# No Sexual interest from wife



## Hope4love (Jul 21, 2014)

Anyone have any suggestions on ways I can encourage my wife to be more involved sexually? 
We used to have sex 2-3 days a week. We would spend plenty of time with foreplay (kissing, touching, holding). She was multiple-orgasmic every time we would come together sexually. Over the past few years, she has slowly reduced our regular sexual experiences to an occasional opportunity maybe a couple of times a month. She instead offers "quickies" about once a week. She assures me she really enjoys our times together, quick or extended, but she does not get into it with the quickies, basically it feels like her legs are open but otherwise no one is home. I miss the foreplay and mutual involvement 2-3 times a week. On the occasions she does make time for regular sex, she continues to have multi-orgasmic sex that she assures me is totally satisfying.
I just can't figure this out. Any ideas?


----------



## PBear (Nov 16, 2010)

Has anything else changed over the last few years? Kids? Stress levels for her? How old are you two? How long have you been married? Have you kept up your "sex rank"?

C
_Posted via Mobile Device_


----------



## waylan (Apr 23, 2014)

What has changed? Did you have kids and she is now mostly exhausted from taking care of them. Did you gain a lot of weight and are not attractive to her anymore? 

Most importantly... What are you doing to make her feel loved and desired?


----------



## murphy5 (May 1, 2014)

the short answer is that you are not communicating. The reason for the low sex drive could be almost anything. You two have to talk it out.

Try this simple experiment. Get some soft music playing in the bedroom. Get some scented massage oil and candles going. Invite her for a full body massage. really take your time to sensually excite her whole body. See if she is turned on by that at the end. If so, she IS into sex...just not the brand you have been offering her.


----------



## Married but Happy (Aug 13, 2013)

Some women have a low sex drive, but it's higher during the dating and honeymoon phase of a new marriage - maybe two years. After that, her sex drive returns to it's normal baseline.

Of course, that's influenced either way by life situation and her partner's efforts, but sometimes no amount of attention, love, or affection will increase her desire. It can be very difficult to figure out what the cause is (IF there even is one), and whether anything can be done. Often, she won't know herself, and can at best guess (and usually wrongly).


----------



## rubymoon (Jul 21, 2014)

As a HD woman, I can tell that sexual desire is not something that comes and goes once a week, when someone nags you into having sex. Sexual desire is always there. 100% of the time minus some time intervals that I am super stressed, upset, scared, etc... - basically, only some super strong emotions can override sexual desire. And as any strong emotions, those go away in a matter of hours or days in some critical situations. To have multi-orgasms, sexual desire must build up. In other words, it has to boil in her all the time to get to the level of triggering of multi-orgasms. And if that were the case, she'd be wanting sex much more often. It can still be a quikie, since she is already ready at any given moment. 

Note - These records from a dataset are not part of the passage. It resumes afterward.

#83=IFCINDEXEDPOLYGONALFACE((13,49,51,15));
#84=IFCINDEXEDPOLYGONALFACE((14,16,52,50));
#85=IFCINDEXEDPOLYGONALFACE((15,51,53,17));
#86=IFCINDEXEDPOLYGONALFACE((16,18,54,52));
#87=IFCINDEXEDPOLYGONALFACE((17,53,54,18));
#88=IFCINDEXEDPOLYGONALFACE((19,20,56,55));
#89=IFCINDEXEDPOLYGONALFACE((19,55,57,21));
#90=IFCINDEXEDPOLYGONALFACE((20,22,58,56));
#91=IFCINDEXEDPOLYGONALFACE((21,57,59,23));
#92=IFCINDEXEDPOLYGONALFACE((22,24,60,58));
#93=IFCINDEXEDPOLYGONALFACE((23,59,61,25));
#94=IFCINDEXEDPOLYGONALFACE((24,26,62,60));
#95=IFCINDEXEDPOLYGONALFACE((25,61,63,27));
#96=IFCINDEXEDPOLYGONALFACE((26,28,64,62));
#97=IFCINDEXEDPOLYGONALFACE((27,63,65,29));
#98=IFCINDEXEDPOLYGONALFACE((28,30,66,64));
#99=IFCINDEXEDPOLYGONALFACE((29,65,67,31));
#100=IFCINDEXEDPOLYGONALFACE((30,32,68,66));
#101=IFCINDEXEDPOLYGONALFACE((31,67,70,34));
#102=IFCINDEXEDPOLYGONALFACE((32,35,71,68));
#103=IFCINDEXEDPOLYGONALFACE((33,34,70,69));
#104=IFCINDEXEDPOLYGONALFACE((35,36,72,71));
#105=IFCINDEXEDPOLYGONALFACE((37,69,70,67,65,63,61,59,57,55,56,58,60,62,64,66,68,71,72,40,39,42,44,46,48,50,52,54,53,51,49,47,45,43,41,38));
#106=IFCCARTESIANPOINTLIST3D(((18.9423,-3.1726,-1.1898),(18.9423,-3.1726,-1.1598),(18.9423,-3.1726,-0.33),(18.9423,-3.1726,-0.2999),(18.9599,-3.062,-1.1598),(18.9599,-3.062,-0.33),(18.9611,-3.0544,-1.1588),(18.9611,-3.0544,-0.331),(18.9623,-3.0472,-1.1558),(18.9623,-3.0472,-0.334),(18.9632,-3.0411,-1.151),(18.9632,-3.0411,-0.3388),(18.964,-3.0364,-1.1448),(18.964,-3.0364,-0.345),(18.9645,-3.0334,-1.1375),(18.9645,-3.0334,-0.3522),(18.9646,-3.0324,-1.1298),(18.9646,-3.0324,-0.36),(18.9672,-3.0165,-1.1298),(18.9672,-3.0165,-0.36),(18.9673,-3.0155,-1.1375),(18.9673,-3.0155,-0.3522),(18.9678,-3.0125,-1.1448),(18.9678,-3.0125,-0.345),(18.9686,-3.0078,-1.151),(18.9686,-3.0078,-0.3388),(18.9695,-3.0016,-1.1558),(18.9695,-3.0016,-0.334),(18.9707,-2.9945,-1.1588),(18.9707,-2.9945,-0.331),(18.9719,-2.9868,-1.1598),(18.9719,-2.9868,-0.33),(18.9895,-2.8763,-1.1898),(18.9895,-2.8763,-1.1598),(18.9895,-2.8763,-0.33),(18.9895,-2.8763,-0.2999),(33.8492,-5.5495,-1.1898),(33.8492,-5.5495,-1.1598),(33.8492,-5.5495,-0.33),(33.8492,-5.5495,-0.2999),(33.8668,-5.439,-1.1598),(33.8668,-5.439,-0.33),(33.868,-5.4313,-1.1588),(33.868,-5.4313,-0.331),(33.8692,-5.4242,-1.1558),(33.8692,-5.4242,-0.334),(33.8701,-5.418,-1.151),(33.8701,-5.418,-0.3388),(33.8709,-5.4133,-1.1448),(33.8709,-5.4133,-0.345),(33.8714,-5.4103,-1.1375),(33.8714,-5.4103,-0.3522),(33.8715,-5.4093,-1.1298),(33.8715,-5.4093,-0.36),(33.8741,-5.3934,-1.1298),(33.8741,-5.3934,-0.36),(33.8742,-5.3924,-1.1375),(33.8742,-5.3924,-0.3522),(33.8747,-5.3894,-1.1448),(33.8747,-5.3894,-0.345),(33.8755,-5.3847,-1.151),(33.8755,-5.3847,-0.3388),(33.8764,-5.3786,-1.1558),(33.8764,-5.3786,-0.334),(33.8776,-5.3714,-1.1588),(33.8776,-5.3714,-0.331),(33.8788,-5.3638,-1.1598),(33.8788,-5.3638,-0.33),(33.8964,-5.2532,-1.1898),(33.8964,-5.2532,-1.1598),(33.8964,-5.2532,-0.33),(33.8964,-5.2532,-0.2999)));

I am not a doctor, but I just can tell how it works in my body. Your situation sounds to me like she really doesn't enjoy it as much as she claims. Maybe you can fix it by getting it out in the open and trying to figure out how to actually pleasure her. But her open and honest input would be required for this to work. And you have to keep in mind that it may be not limited to only the bedroom - she may need to rest more, or to get her confidence up to get there.


----------



## Thound (Jan 20, 2013)

rubymoon said:


> As a HD woman, I can tell that sexual desire is not something that comes and goes once a week, when someone nags you into having sex. Sexual desire is always there. 100% of the time minus some time intervals that I am super stressed, upset, scared, etc... - basically, only some super strong emotions can override sexual desire. And as any strong emotions, those go away in a matter of hours or days in some critical situations. To have multi-orgasms, sexual desire must build up. In other words, it has to boil in her all the time to get to the level of triggering of multi-orgasms. And if that were the case, she'd be wanting sex much more often. It can still be a quikie, since she is already ready at any given moment.
> 
> I am not a doctor, but I just can tell how it works in my body. Your situation sounds to me like she really doesn't enjoy it as much as she claims. Maybe you can fix it by getting it out in the open and trying to figure out how to actually pleasure her. But her open and honest input would be required for this to work. And you have to keep in mind that it may be not limited to only the bedroom - she may need to rest more, or to get her confidence up to get there.


And be sure to tell her you appreciate the quickies, but you want a loving encounter. Hope I said that right. My brain isnt ageing well.
_Posted via Mobile Device_


----------



## DoF (Mar 27, 2014)

Yea, I have a great idea.

Sit her down and tell her you are extremely concerned because she shows 0 desire or care to satisfy your intimate needs.

This is a priority for EVERY WOMAN. 

It's also a priority for men as well, but not as important since to men, intimacy is the ULTIMATE expression of love (and to women, not always).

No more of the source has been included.